To return to your actual working methods: Do you just put a piece of paper in the typewriter and start writing away, or do you do a rough draft in longhand, or what? How does it work?
I have a lot of little papers in my pocket all the time, and I make notes
wherever I go. I throw them into a box, and when the box is full, I take them all out and dictate it or I write it by hand. I've no real method. I can write in an airplane, in a train, in a hotel room deluxe, in a motel, anywhere where a down payment may be expected.
You use dictation a great deal?
That also . . . I don't care. I can adapt myself to any possibility.
I can work with any collaborator, man or woman, famous or not famous. Again I can say this without any false modesty: The reason why I have a record of at least eighty or ninety pictures, silent and talkie, is that I can adapt myself to any personality.
I wrote for a Charles Brackett production, adapting myself cleverly, I must say, to the tastes of that man, not only because I liked him but because it was easier to convince him if I worked towards his style. If you had come to Lubitsch with a Hitchcock setup, he wouldn't have made it. You had to come to him with a Lubitsch idea, and the scenes had to be Lubitsch-wise, and so forth.

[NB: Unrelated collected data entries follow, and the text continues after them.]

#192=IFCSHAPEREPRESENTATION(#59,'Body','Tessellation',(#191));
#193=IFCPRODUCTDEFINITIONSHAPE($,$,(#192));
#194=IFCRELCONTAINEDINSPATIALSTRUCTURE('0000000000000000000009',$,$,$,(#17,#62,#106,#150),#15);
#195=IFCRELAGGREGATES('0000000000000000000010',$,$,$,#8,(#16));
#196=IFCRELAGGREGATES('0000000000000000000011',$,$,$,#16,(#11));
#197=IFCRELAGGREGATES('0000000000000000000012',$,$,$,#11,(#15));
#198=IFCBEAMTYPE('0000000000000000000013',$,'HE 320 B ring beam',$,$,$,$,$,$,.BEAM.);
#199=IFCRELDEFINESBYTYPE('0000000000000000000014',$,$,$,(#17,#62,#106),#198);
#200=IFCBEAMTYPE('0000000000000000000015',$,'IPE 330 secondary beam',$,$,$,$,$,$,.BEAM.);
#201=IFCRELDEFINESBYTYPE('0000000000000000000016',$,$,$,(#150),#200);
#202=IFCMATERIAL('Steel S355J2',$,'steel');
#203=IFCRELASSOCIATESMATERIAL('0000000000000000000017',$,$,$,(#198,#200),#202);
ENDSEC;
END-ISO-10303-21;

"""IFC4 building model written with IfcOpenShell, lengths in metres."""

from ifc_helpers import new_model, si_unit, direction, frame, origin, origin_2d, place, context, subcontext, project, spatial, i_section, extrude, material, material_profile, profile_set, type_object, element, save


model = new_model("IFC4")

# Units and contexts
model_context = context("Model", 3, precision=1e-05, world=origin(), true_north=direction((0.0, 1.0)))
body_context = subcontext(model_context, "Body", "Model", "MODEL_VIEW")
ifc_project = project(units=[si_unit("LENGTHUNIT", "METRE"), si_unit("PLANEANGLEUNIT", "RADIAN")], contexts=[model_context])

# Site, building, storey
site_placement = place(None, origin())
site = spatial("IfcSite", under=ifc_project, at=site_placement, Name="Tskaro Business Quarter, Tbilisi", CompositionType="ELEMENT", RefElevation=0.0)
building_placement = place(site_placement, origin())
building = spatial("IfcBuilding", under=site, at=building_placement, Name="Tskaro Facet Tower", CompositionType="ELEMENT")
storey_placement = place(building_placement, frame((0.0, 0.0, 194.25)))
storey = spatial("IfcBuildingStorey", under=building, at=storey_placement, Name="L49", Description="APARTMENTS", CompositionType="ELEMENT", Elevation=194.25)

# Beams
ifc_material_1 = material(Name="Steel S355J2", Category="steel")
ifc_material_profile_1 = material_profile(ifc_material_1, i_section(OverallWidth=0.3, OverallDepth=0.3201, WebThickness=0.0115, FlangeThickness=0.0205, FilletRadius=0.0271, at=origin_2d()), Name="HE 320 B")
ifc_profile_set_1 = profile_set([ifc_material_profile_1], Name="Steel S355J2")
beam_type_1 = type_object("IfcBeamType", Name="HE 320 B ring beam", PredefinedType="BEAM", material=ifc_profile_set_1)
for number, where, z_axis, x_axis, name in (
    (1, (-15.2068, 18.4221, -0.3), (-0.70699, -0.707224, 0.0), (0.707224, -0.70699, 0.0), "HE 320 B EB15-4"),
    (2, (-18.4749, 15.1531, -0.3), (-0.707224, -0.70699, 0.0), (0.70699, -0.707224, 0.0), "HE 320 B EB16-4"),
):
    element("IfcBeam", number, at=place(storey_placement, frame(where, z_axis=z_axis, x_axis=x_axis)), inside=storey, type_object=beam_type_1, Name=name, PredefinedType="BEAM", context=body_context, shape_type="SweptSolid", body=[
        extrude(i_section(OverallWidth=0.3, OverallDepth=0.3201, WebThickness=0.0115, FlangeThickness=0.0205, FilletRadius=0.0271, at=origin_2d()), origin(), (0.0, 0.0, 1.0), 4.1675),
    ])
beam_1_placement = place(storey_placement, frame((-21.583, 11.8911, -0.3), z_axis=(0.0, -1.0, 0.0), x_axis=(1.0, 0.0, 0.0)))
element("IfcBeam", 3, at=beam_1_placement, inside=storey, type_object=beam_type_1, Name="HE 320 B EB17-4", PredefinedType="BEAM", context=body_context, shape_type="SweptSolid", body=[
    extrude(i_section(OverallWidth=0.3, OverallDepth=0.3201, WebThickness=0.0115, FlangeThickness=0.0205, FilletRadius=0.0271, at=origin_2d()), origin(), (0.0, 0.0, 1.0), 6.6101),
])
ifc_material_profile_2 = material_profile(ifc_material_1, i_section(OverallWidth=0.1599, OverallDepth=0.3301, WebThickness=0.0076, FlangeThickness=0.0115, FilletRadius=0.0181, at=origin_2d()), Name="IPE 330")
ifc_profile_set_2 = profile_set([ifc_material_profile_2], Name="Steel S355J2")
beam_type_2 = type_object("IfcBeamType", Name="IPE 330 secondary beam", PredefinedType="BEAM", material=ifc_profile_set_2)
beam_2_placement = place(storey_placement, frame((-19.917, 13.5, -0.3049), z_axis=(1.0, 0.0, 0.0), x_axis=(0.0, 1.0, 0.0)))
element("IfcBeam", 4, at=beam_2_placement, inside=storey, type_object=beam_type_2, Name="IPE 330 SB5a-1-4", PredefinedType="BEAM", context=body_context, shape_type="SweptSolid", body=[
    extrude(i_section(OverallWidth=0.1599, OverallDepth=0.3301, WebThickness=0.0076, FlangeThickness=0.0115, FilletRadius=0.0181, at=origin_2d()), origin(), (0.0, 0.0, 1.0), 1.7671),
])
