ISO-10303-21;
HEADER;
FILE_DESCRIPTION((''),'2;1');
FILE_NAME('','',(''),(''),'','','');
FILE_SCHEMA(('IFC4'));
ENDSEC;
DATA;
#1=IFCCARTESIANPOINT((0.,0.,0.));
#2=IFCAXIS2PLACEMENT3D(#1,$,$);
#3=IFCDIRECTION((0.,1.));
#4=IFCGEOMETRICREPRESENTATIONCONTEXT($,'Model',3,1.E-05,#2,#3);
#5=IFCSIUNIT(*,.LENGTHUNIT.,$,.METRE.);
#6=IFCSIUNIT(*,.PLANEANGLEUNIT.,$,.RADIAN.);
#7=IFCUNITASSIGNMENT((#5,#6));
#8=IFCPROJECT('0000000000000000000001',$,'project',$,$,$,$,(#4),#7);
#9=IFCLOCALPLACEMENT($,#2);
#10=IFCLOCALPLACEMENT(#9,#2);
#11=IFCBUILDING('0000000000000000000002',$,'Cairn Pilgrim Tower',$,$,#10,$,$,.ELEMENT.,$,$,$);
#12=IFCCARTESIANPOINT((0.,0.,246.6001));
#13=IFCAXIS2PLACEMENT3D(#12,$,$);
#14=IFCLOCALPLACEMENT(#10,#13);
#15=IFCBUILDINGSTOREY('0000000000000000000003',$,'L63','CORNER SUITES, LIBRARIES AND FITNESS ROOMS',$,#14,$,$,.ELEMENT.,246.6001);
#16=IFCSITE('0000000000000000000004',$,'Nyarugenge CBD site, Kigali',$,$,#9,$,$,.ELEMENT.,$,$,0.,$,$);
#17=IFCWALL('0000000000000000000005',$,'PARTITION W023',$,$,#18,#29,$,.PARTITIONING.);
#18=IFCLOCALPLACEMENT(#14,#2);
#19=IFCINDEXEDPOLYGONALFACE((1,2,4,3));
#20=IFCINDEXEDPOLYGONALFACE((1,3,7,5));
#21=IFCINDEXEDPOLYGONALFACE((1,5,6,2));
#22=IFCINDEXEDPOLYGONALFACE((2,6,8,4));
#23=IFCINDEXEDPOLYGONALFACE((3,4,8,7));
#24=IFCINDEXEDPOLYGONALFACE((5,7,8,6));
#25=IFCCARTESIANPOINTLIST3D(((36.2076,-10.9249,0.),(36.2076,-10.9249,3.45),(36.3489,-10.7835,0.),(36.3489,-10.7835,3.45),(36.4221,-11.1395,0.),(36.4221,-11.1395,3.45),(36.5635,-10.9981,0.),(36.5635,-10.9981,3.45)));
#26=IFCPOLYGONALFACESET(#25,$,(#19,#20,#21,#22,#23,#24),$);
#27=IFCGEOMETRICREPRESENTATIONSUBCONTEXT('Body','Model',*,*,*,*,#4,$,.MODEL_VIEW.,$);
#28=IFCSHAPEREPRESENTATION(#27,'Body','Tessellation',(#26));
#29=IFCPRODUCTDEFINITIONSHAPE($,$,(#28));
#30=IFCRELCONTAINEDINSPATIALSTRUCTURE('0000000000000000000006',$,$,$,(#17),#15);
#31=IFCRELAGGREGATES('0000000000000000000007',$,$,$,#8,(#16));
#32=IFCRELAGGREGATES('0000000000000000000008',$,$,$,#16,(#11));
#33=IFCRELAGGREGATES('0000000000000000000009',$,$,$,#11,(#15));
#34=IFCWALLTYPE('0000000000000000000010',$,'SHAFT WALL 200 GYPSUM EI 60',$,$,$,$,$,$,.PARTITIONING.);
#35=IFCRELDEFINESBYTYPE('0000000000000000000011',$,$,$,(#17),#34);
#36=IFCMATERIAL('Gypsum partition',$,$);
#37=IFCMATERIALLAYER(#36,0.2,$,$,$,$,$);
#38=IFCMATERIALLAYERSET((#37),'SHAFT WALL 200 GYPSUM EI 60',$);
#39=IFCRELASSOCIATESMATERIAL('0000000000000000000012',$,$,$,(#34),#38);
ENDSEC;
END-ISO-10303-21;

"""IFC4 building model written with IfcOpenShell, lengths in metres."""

from ifc_helpers import new_model, si_unit, direction, frame, frame_2d, origin, place, context, subcontext, project, spatial, rectangle, extrude, material, layer, layer_set, type_object, element, save


model = new_model("IFC4")

# Units and contexts
model_context = context("Model", 3, precision=1e-05, world=origin(), true_north=direction((0.0, 1.0)))
body_context = subcontext(model_context, "Body", "Model", "MODEL_VIEW")
ifc_project = project(units=[si_unit("LENGTHUNIT", "METRE"), si_unit("PLANEANGLEUNIT", "RADIAN")], contexts=[model_context])

# Site, building, storey
site_placement = place(None, origin())
site = spatial("IfcSite", under=ifc_project, at=site_placement, Name="Nyarugenge CBD site, Kigali", CompositionType="ELEMENT", RefElevation=0.0)
building_placement = place(site_placement, origin())
building = spatial("IfcBuilding", under=site, at=building_placement, Name="Cairn Pilgrim Tower", CompositionType="ELEMENT")
storey_placement = place(building_placement, frame((0.0, 0.0, 246.6001)))
storey = spatial("IfcBuildingStorey", under=building, at=storey_placement, Name="L63", Description="CORNER SUITES, LIBRARIES AND FITNESS ROOMS", CompositionType="ELEMENT", Elevation=246.6001)

# Wall
ifc_material_1 = material(Name="Gypsum partition")
ifc_layer_1 = layer(ifc_material_1, 0.2)
ifc_layer_set_1 = layer_set([ifc_layer_1], Name="SHAFT WALL 200 GYPSUM EI 60")
wall_type_1 = type_object("IfcWallType", Name="SHAFT WALL 200 GYPSUM EI 60", PredefinedType="PARTITIONING", material=ifc_layer_set_1)
wall_1_placement = place(storey_placement, frame((36.4929, -11.0688, 0.0), z_axis=(0.0, 0.0, 1.0), x_axis=(-0.707107, 0.707107, 0.0)))
element("IfcWall", 1, at=wall_1_placement, inside=storey, type_object=wall_type_1, Name="PARTITION W023", PredefinedType="PARTITIONING", context=body_context, shape_type="SweptSolid", body=[
    extrude(rectangle(XDim=0.3035, YDim=0.2, at=frame_2d((0.1519, 0.0))), origin(), (0.0, 0.0, 1.0), 3.45),
])

save(model, "model.ifc")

That is why, for instance, I've never worked for my oldest friend, Billy Wilder, who in the meantime has became a very famous director in his own right. For twenty-five years he never asked me, never let me write a screenplay for him. Why? Because the things I know he knows too: He wouldn't get anything new out of the collaboration. He knows how to write a well-made screenplay, he does not believe in dirt, he does not send out messages, he's not as profound as, let's say, [Peter] Bogdanovich today or one of the Russians. In short, he makes total entertainment, and for that, unfortunately, he doesn't need me.